The GBP/USD pair scales higher for the second straight day on Wednesday and climbs to its highest level since mid-January during the early part of the European session. The British Pound remains supported by the stronger wage growth data released on Tuesday, which is expected to keep inflation elevated. The UK Office for National Statistics, meanwhile, reported earlier today that consumer price inflation fell to a three-month low level of 10.5% in December. This, however, is still running at levels last seen in the early 1980s and should maintain pressure on the Bank of England to continue raising interest rates. Apart from this, the emergence of fresh selling around the US Dollar provides an additional boost to the major.

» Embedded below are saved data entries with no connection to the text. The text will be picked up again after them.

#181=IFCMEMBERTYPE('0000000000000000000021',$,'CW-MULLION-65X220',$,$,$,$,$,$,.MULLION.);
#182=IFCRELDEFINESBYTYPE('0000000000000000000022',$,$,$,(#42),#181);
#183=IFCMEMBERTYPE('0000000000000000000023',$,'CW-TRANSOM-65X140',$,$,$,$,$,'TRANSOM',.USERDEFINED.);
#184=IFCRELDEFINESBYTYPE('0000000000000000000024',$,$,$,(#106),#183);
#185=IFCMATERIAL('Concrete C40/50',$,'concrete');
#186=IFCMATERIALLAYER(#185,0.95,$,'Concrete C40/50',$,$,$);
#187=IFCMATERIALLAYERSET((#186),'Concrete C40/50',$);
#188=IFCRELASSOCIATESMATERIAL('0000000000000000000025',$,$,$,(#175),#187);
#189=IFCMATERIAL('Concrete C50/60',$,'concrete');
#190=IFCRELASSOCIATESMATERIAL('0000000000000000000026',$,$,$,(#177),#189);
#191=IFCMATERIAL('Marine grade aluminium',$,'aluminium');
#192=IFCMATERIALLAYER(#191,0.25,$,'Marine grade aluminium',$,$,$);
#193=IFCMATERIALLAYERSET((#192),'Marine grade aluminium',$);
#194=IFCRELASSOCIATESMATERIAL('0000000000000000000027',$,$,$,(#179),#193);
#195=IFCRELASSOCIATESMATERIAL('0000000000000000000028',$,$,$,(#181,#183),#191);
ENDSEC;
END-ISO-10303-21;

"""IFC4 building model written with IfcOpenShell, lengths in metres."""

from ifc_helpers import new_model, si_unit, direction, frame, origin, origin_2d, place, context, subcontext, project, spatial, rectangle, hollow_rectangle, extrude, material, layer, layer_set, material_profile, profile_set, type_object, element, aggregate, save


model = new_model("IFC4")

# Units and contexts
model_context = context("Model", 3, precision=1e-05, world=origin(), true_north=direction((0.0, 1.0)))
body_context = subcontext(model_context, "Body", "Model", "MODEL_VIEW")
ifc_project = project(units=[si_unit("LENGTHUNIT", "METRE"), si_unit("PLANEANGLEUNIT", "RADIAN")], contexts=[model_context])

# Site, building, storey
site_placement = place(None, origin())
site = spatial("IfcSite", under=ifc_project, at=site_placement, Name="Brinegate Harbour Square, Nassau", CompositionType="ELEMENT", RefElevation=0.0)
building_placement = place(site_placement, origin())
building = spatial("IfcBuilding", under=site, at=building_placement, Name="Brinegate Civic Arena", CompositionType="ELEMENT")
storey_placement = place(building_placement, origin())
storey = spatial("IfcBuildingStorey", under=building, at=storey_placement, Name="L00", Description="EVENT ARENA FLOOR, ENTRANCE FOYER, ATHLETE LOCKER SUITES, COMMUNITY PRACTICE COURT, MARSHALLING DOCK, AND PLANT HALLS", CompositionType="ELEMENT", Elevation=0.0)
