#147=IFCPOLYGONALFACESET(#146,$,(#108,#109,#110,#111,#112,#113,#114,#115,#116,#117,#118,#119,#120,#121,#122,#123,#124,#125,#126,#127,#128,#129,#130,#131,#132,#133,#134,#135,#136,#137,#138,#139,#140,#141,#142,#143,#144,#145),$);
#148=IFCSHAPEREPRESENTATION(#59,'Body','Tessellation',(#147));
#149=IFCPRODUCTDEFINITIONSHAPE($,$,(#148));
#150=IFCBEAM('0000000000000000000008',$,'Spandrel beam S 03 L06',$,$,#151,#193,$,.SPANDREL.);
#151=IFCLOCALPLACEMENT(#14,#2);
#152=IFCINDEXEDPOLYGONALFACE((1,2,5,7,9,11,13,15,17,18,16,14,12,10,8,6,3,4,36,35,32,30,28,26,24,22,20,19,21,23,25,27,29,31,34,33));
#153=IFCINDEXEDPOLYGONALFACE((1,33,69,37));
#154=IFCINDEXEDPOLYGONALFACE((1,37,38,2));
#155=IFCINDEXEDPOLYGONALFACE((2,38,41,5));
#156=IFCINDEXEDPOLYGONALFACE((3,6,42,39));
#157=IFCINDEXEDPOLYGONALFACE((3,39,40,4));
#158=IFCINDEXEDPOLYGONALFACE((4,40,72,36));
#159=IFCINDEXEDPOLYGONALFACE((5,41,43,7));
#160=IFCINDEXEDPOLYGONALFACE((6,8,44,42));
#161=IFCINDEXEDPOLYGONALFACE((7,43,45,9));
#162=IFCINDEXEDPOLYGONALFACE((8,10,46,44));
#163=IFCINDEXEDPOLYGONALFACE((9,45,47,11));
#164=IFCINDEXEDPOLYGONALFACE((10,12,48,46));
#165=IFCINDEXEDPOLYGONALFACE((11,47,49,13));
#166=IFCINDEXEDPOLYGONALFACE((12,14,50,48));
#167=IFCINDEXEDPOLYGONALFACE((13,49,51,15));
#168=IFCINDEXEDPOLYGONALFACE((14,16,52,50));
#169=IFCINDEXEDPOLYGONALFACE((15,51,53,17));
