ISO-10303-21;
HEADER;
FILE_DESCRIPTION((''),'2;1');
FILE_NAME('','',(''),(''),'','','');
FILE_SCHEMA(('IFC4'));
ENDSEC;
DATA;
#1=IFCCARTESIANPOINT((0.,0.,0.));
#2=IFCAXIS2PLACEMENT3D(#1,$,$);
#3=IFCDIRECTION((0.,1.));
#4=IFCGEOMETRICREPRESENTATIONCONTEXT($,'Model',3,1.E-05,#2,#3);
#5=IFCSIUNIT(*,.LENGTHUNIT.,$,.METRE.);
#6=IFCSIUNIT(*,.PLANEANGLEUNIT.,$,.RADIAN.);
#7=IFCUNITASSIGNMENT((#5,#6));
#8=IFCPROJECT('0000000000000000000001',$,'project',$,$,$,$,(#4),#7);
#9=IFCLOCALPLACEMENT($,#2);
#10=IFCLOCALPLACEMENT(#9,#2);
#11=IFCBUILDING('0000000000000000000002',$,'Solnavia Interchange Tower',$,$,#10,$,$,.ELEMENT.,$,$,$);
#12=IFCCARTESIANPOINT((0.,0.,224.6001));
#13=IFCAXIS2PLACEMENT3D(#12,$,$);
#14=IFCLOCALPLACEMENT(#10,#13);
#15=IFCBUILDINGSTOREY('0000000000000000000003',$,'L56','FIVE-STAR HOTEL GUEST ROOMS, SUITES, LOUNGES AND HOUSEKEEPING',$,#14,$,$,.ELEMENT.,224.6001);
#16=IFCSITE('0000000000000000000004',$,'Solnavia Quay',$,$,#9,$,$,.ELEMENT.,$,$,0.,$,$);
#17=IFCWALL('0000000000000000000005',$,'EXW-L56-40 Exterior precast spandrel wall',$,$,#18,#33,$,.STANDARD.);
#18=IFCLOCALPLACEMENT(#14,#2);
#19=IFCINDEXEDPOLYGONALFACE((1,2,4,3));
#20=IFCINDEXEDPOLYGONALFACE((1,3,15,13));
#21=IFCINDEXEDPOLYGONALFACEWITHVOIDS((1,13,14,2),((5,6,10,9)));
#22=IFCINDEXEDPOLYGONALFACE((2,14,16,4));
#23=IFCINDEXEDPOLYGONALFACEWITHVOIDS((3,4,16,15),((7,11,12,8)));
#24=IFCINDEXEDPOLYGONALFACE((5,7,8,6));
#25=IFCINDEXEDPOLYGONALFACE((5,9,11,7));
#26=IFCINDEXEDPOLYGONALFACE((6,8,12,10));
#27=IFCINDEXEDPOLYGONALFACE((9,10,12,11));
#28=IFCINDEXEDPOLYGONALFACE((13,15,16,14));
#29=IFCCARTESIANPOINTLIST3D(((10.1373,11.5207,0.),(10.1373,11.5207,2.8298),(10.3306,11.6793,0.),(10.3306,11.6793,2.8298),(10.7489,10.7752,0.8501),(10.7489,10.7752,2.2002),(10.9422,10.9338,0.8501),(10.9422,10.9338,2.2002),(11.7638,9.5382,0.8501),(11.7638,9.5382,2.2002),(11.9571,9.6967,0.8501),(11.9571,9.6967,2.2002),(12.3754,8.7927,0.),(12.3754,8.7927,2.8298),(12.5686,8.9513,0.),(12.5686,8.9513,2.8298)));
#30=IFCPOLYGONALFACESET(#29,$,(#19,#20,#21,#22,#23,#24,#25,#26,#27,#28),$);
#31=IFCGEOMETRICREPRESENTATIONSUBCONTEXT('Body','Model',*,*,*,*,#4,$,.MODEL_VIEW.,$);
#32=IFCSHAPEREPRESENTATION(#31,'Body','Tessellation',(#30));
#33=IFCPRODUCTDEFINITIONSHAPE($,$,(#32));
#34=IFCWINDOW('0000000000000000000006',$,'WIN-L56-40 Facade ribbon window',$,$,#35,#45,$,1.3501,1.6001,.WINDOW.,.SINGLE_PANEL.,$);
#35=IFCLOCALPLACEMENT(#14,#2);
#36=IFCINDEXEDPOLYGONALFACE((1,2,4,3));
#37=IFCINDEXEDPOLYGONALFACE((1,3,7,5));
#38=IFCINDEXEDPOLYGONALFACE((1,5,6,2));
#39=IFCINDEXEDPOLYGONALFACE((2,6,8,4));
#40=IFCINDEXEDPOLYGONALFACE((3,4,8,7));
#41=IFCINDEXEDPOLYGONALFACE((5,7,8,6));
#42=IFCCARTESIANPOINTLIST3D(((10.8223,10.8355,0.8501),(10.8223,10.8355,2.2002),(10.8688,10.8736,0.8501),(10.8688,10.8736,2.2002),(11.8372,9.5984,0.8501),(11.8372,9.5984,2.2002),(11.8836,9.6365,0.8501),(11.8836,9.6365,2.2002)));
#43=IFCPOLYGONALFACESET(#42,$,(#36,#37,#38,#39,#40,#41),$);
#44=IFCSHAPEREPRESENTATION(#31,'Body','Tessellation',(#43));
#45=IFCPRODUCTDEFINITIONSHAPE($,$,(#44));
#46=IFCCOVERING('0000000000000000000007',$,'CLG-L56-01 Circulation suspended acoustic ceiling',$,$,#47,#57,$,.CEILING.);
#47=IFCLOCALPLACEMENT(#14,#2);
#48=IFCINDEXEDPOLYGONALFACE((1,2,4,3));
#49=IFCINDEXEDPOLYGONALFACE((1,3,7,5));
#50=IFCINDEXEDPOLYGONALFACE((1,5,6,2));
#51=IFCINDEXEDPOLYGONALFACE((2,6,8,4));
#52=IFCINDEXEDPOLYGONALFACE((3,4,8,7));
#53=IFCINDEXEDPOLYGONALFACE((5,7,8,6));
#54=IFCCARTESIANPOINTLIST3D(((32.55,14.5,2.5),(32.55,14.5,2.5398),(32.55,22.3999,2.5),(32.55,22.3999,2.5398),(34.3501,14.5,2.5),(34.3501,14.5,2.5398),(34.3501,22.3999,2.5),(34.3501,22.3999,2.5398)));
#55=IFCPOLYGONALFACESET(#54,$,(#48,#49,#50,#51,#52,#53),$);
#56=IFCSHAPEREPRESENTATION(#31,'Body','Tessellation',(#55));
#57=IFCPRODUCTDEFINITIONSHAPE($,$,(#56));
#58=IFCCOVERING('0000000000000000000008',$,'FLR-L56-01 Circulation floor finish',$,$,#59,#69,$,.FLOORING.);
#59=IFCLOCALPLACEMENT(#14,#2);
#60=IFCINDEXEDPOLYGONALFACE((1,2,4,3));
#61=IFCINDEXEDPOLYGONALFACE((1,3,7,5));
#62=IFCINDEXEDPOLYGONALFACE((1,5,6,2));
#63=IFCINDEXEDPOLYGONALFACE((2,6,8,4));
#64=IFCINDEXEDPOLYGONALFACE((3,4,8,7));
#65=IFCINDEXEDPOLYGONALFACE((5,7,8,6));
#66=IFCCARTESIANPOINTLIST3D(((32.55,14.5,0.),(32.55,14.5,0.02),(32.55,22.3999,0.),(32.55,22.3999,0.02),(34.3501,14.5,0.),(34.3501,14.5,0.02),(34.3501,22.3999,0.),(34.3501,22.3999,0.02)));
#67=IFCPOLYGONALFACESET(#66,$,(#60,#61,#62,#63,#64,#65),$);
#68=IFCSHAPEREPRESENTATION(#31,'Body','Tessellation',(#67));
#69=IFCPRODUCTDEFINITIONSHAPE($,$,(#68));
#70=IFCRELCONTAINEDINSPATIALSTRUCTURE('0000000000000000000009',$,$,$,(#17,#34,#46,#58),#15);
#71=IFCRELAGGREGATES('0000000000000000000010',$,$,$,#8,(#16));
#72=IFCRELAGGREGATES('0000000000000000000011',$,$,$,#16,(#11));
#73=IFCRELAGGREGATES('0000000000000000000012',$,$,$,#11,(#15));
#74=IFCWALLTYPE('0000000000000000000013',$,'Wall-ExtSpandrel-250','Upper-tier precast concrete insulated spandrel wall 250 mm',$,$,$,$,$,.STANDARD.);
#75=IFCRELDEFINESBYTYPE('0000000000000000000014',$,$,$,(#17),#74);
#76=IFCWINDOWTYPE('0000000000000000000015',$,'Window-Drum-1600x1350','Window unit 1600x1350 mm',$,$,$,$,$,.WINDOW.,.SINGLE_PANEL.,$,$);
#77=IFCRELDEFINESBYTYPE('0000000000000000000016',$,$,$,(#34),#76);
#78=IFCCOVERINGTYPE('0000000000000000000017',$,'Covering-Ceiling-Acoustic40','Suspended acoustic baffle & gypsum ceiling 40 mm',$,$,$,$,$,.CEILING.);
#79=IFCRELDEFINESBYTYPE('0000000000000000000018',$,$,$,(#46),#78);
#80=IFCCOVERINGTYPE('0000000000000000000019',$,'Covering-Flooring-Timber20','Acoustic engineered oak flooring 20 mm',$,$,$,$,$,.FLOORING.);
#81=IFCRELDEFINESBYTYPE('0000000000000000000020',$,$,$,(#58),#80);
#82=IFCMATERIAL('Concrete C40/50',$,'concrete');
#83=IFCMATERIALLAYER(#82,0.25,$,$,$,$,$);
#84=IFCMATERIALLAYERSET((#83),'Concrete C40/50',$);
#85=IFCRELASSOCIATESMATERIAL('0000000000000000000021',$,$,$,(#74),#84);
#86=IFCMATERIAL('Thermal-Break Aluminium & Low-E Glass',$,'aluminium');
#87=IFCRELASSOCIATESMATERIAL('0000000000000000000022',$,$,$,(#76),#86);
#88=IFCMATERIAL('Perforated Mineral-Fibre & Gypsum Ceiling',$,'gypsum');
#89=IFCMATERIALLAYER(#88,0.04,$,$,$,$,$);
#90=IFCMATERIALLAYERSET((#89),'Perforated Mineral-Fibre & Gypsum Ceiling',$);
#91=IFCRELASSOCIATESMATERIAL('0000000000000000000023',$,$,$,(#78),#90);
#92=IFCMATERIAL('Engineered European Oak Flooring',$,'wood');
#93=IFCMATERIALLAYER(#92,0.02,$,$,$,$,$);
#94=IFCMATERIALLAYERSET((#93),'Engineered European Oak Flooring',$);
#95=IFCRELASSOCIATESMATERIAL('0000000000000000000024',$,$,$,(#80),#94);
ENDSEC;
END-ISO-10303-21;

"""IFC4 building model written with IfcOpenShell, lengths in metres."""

from ifc_helpers import new_model, si_unit, direction, frame, frame_2d, origin, place, context, subcontext, project, spatial, polyline, rectangle, outline, extrude, material, layer, layer_set, type_object, element, fill, save


model = new_model("IFC4")

# Units and contexts
model_context = context("Model", 3, precision=1e-05, world=origin(), true_north=direction((0.0, 1.0)))
body_context = subcontext(model_context, "Body", "Model", "MODEL_VIEW")
ifc_project = project(units=[si_unit("LENGTHUNIT", "METRE"), si_unit("PLANEANGLEUNIT", "RADIAN")], contexts=[model_context])

# Site, building, storey
site_placement = place(None, origin())
site = spatial("IfcSite", under=ifc_project, at=site_placement, Name="Solnavia Quay", CompositionType="ELEMENT", RefElevation=0.0)
building_placement = place(site_placement, origin())
building = spatial("IfcBuilding", under=site, at=building_placement, Name="Solnavia Interchange Tower", CompositionType="ELEMENT")
storey_placement = place(building_placement, frame((0.0, 0.0, 224.6001)))
storey = spatial("IfcBuildingStorey", under=building, at=storey_placement, Name="L56", Description="FIVE-STAR HOTEL GUEST ROOMS, SUITES, LOUNGES AND HOUSEKEEPING", CompositionType="ELEMENT", Elevation=224.6001)

# Shared definitions
ifc_material_1 = material(Name="Concrete C40/50", Category="concrete")

# Shared definitions
ifc_layer_1 = layer(ifc_material_1, 0.25)
ifc_layer_set_1 = layer_set([ifc_layer_1], Name="Concrete C40/50")
wall_type_1 = type_object("IfcWallType", Name="Wall-ExtSpandrel-250", Description="Upper-tier precast concrete insulated spandrel wall 250 mm", PredefinedType="STANDARD", material=ifc_layer_set_1)

# Wall, opening, window
ifc_material_2 = material(Name="Thermal-Break Aluminium & Low-E Glass", Category="aluminium")
window_type = type_object("IfcWindowType", Name="Window-Drum-1600x1350", Description="Window unit 1600x1350 mm", PartitioningType="SINGLE_PANEL", PredefinedType="WINDOW", material=ifc_material_2)
wall_1_placement = place(storey_placement, frame((12.4719, 8.8721, 0.0), z_axis=(0.0, 0.0, 1.0), x_axis=(-0.634258, 0.773121, 0.0)))
wall_1 = element("IfcWall", 1, at=wall_1_placement, inside=storey, type_object=wall_type_1, Name="EXW-L56-40 Exterior precast spandrel wall", PredefinedType="STANDARD", context=body_context, shape_type="SweptSolid", body=[
    extrude(rectangle(XDim=3.5286, YDim=0.25, at=frame_2d((1.7642, 0.0))), origin(), (0.0, 0.0, 1.0), 2.8298),
])
opening_1_placement = place(wall_1_placement, frame((0.9641, 0.0, 0.8501)))
opening_1 = element("IfcOpeningElement", 2, at=opening_1_placement, cuts=wall_1, PredefinedType="OPENING", context=body_context, shape_type="SweptSolid", body=[
    extrude(rectangle(XDim=1.6001, YDim=1.3501, at=frame_2d((0.8, 0.675))), frame((0.0, 0.135, 0.0), z_axis=(0.0, -1.0, 0.0), x_axis=(1.0, 0.0, 0.0)), (0.0, 0.0, 1.0), 0.27),
])
window_1_placement = place(opening_1_placement, origin())
window_1 = element("IfcWindow", 3, at=window_1_placement, inside=storey, type_object=window_type, Name="WIN-L56-40 Facade ribbon window", OverallHeight=1.3501, OverallWidth=1.6001, PartitioningType="SINGLE_PANEL", PredefinedType="WINDOW", context=body_context, shape_type="SweptSolid", body=[
    extrude(rectangle(XDim=1.6001, YDim=1.3501, at=frame_2d((0.8, 0.675))), frame((0.0, 0.03, 0.0), z_axis=(0.0, -1.0, 0.0), x_axis=(1.0, 0.0, 0.0)), (0.0, 0.0, 1.0), 0.0601),
])
fill(opening_1, window_1)

# Coverings
ifc_material_3 = material(Name="Perforated Mineral-Fibre & Gypsum Ceiling", Category="gypsum")
ifc_layer_2 = layer(ifc_material_3, 0.04)
ifc_layer_set_2 = layer_set([ifc_layer_2], Name="Perforated Mineral-Fibre & Gypsum Ceiling")
covering_type_1 = type_object("IfcCoveringType", Name="Covering-Ceiling-Acoustic40", Description="Suspended acoustic baffle & gypsum ceiling 40 mm", PredefinedType="CEILING", material=ifc_layer_set_2)
covering_1_placement = place(storey_placement, frame((0.0, 0.0, 2.5)))
element("IfcCovering", 4, at=covering_1_placement, inside=storey, type_object=covering_type_1, Name="CLG-L56-01 Circulation suspended acoustic ceiling", PredefinedType="CEILING", context=body_context, shape_type="SweptSolid", body=[
    extrude(outline(polyline([(32.55, 14.5), (34.3501, 14.5), (34.3501, 22.3999), (32.55, 22.3999), (32.55, 14.5)])), origin(), (0.0, 0.0, 1.0), 0.0398),
])
ifc_material_4 = material(Name="Engineered European Oak Flooring", Category="wood")
ifc_layer_3 = layer(ifc_material_4, 0.02)
ifc_layer_set_3 = layer_set([ifc_layer_3], Name="Engineered European Oak Flooring")
covering_type_2 = type_object("IfcCoveringType", Name="Covering-Flooring-Timber20", Description="Acoustic engineered oak flooring 20 mm", PredefinedType="FLOORING", material=ifc_layer_set_3)
covering_2_placement = place(storey_placement, origin())
element("IfcCovering", 5, at=covering_2_placement, inside=storey, type_object=covering_type_2, Name="FLR-L56-01 Circulation floor finish", PredefinedType="FLOORING", context=body_context, shape_type="SweptSolid", body=[
    extrude(outline(polyline([(32.55, 14.5), (34.3501, 14.5), (34.3501, 22.3999), (32.55, 22.3999), (32.55, 14.5)])), origin(), (0.0, 0.0, 1.0), 0.02),
])

save(model, "model.ifc")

The intraday USD rally - led by the Bank of Japan-inspired sell-off in the Japanese Yen - fades rather quickly amid firming expectations for a less aggressive policy tightening by the Fed. Investors seem convinced that the US central bank will soften its hawkish stance amid signs of easing inflationary pressures. Moreover, the current market pricing indicates a greater chance of a smaller 25 bps lift-off in February. This leads to a fresh leg down in the US Treasury bond yields and continues to weigh on the buck. Apart from this, a mildly positive tone around the equity markets also seems to undermine the safe-haven greenback and supports prospects for an extension of a two-week-old appreciating move for the GBP/USD pair.
Traders now look forward to the US economic docket, highlighting the release of the Producer Price Index (PPI) and monthly Retail Sales figures later during the early North American session. The data, along with the US bond yields and the broader risk sentiment, might influence the USD price dynamics and provide a fresh impetus to the GBP/USD pair. Nevertheless, the fundamental backdrop favours bulls and suggests that the path of least resistance for spot prices is to the upside. Hence, any immediate market reaction to the upbeat US macro data is more likely to remain limited and might do little to hinder the pair's ongoing positive move.
From a technical perspective, the overnight break through the 1.2250 supply zone and a subsequent move beyond the 1.2300 mark add credence to the positive outlook. Furthermore, oscillators on the daily chart have just started gaining positive traction and support prospects for a further near-term appreciating move. Hence, some follow-through strength towards reclaiming the 1.2400 mark, en route to the December 2022 swing high near the 1.2445 area, looks like a distinct possibility. The momentum could get extended further and allow the GBP/USD pair to reclaim the 1.2500 psychological mark for the first time since June.
On the flip side, any meaningful slide below the 1.2300 mark now seems to attract fresh buyers and remain limited near the 1.2250 resistance breakpoint. A convincing break below the latter might prompt some technical selling and drag the GBP/USD pair further towards the 1.2200 mark. This is followed by support near the 1.2170-1.2165 area, below which the fall could get extended towards the 1.2100 mark.